Beckett gave a nod, a small smile, "It's to rule you out, clear your name. And then you won't have to worry about it anymore…"
When Beckett and Castle got back to her desk, there was someone sat there, someone with long blonde hair and a frightened, looking younger than it was face, and an expression that Beckett had become all too familiar with for so many years of her life, that expression of longing for an answer. Rachel Dean gave the pair of them a small and half-hearted smile as they walked into her line of sight.
"I came… I came to ask you to try really hard to find whoever did this to my mother…" she started, and her voice was barely more than a whisper, her eyes filled with tears, "… someone ought to pay for something that bad… Dad and I… we'll be paying for our whole lives, in grief… and I want her back, and I'll never get her back… there needs to be someone to answer for something like that…"

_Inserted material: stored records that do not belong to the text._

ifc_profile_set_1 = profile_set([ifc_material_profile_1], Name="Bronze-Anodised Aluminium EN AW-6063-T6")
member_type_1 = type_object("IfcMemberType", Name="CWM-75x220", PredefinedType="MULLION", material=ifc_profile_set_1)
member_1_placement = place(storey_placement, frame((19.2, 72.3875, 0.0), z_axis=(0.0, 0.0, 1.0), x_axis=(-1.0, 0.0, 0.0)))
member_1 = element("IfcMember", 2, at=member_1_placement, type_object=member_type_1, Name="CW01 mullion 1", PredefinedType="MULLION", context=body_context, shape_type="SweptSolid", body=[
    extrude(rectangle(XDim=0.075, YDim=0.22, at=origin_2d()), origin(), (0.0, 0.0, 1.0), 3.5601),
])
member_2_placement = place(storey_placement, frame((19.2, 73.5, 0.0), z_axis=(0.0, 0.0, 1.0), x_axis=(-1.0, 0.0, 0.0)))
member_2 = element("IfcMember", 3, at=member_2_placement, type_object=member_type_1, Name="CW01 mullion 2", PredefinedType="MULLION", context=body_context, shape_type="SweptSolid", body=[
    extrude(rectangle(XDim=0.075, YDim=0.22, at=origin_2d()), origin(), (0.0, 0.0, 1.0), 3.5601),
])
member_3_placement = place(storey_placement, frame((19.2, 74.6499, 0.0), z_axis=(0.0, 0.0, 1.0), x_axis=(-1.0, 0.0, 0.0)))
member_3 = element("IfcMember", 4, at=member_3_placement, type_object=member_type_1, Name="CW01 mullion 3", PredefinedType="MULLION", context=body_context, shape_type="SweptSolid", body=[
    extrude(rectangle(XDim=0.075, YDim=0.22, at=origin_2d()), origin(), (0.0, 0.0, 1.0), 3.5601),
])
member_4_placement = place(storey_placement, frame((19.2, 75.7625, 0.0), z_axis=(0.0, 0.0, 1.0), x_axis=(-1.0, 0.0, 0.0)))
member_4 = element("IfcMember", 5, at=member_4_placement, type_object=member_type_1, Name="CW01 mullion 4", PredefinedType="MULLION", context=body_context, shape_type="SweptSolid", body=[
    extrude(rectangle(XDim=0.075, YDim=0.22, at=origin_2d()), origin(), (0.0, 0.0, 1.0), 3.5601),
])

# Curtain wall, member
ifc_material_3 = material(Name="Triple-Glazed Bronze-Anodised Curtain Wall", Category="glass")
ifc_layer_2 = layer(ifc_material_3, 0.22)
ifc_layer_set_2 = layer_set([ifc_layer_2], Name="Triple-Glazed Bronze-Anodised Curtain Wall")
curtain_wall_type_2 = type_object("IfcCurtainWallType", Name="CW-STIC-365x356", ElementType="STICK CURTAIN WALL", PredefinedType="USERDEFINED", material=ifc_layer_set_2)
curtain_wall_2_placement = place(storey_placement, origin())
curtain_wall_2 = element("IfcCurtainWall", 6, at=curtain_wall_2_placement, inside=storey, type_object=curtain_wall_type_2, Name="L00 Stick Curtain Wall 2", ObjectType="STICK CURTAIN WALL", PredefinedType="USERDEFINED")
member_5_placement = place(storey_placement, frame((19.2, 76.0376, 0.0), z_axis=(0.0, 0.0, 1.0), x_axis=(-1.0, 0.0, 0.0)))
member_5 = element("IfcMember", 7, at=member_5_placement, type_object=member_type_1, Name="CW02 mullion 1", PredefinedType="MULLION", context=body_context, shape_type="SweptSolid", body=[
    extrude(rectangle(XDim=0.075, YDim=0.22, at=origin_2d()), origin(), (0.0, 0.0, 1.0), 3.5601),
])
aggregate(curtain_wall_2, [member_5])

And Castle watched, as if in slow motion, Beckett's face turn ashen pale, and her left hand grip the side of the desk, the whole situation far too familiar, far too reminiscent. It wasn't even as if she could offer her own story, with an ending that gave Rachel something she'd want… because she might have known more about her mother's murder now than she had for years, but she still didn't know all of it… she still didn't know everything… He could see her gritting her teeth, and he had known her long enough and could read her well enough to know that she was quelling nausea, she didn't have the stomach to bring words to her lips for a few minutes.

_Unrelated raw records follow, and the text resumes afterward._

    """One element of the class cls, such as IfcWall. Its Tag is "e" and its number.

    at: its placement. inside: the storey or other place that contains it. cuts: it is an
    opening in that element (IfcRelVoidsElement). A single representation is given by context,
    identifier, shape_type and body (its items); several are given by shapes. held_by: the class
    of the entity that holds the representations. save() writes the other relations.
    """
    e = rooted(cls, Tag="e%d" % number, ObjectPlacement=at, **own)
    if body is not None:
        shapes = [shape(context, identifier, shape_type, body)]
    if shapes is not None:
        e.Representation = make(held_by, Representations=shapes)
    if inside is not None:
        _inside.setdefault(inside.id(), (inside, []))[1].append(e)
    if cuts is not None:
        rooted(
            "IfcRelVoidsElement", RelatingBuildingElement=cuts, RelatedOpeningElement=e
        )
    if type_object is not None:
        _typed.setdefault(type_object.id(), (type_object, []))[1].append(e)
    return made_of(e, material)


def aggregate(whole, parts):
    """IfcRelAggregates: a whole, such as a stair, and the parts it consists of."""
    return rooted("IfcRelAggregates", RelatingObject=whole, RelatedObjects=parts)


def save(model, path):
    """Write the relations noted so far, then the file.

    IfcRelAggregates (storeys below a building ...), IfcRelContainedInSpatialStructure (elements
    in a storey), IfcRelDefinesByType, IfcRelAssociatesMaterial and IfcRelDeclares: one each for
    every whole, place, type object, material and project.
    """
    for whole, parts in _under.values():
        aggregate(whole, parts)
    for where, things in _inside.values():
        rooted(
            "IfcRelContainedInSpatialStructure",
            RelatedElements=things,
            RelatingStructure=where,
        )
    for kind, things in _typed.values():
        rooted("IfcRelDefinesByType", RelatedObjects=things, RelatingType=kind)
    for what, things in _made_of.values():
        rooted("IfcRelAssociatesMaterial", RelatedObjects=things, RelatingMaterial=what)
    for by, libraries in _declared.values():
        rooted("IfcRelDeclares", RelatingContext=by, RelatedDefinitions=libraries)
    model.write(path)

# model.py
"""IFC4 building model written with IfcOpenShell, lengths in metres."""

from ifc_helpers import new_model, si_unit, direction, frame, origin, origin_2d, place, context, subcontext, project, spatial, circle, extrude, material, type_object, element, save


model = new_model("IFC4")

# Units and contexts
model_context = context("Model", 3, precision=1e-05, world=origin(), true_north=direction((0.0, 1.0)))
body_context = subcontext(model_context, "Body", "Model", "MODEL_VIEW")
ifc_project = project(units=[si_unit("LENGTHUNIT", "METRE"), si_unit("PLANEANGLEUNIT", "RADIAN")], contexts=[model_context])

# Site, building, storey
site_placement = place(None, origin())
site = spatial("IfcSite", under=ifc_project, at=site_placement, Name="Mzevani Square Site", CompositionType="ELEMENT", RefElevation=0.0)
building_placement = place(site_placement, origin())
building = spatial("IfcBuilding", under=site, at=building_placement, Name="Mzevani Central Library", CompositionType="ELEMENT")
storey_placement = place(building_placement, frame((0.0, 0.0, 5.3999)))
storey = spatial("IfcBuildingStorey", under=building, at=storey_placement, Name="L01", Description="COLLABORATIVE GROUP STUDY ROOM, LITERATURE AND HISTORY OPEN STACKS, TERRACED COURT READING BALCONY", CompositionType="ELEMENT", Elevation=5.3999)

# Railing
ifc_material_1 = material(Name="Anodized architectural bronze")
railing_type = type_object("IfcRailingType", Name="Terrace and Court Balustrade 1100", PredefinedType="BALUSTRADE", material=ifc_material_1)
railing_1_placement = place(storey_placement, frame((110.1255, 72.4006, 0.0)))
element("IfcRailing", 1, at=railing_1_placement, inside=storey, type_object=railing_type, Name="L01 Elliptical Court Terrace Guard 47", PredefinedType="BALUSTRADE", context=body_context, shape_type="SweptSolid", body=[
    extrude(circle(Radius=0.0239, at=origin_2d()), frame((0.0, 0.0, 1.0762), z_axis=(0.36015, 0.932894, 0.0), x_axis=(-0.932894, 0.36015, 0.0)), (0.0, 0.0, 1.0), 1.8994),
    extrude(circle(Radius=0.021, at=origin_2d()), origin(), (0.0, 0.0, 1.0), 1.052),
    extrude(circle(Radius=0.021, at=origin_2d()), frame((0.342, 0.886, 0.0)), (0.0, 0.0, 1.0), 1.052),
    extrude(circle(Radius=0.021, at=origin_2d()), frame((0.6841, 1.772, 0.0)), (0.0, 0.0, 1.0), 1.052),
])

"We're trying our very best, Rachel." He said quietly, "Whole teams of us… and we're getting somewhere, we're getting there… Beckett… she lost her mother like this… she feels for you, she'll make sure we find whoever did this…" he swallowed, that was a liberty he'd taken, telling Rachel Dean about Johanna's murder, and he wished Beckett would meet his eyes, so he'd know if he'd ruined countless things or done something acceptable, but she wouldn't. She seemed to be finding the clear sky out of the window endlessly fascinating.
"Thank you." The girl whispered, and she stood up and walked away before either of them could come up with another word.

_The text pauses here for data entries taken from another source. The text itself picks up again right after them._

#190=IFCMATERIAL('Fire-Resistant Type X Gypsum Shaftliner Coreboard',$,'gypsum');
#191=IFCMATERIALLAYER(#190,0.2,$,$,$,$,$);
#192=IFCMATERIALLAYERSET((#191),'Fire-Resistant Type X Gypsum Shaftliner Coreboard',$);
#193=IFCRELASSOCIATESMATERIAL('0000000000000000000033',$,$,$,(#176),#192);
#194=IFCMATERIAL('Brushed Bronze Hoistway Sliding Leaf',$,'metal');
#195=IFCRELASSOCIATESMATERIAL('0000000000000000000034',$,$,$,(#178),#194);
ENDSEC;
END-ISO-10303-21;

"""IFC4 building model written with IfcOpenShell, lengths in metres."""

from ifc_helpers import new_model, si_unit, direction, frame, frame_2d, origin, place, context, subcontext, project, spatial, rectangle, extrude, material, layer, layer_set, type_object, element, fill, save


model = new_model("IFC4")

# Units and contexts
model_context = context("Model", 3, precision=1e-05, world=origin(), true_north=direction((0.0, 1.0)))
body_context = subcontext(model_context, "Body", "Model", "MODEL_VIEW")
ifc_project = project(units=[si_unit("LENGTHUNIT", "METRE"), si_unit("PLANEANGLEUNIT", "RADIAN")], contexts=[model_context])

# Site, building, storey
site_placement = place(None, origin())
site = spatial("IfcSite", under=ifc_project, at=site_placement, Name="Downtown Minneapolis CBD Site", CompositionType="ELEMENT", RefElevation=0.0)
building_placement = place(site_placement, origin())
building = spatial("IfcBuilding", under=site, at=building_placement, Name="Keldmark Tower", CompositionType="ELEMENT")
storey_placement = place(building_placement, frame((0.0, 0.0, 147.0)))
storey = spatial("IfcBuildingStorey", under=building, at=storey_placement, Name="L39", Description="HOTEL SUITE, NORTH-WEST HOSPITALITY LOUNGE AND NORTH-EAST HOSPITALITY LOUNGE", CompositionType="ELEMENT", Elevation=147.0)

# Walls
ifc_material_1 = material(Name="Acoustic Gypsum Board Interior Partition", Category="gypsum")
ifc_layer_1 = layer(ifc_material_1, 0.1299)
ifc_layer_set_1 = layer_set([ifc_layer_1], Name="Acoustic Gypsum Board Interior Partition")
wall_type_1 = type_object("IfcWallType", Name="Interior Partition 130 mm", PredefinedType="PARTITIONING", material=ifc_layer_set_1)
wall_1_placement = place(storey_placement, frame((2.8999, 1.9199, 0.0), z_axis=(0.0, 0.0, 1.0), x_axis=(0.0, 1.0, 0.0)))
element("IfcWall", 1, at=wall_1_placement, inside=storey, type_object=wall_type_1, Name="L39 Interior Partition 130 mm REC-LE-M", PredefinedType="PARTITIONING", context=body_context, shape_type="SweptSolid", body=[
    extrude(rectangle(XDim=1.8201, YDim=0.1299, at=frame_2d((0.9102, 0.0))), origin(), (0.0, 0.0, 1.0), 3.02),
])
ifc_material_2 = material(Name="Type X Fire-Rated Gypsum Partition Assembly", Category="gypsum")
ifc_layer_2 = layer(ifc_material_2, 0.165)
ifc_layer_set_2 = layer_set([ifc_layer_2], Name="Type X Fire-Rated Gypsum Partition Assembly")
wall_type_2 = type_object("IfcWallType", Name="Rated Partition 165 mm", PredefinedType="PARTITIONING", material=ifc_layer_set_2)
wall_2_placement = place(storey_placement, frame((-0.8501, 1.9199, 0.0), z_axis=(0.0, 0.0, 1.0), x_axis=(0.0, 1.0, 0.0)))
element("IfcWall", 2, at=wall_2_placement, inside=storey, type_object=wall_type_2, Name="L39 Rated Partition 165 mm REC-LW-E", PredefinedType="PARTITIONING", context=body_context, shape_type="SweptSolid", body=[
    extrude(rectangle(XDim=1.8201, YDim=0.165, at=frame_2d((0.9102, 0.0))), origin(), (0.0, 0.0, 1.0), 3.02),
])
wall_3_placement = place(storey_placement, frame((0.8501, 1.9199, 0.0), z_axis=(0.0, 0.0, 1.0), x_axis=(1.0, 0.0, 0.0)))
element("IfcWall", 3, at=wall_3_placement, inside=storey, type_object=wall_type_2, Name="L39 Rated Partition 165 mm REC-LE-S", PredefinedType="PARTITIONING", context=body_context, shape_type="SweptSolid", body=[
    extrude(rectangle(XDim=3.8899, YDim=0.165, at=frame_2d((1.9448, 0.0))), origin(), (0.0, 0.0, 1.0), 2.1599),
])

Beckett's eyes slid across slowly to meet his, and he couldn't help thinking for a moment how well he knew her now, to read exactly what she was thinking in those eyes. She gave him the tiniest, most solemn smile.
"Beckett." She answered her phone.
"It's Lanie… Louisa Monroe's DNA cleared… it's not her… but the DNA flagged someone up… a Ted McGarvey, his prior's nothing major, he punched a guy outside a bar last year… other than that we haven't got anything on him… he works in maintenance in the hotel, though, he would have been able to get access…"
"Brilliant." After Rachel Dean's plea for answers, her voice was slightly harder, her brow slightly more set. She needed to close this case and make someone pay, sooner rather than later. "Bring him in."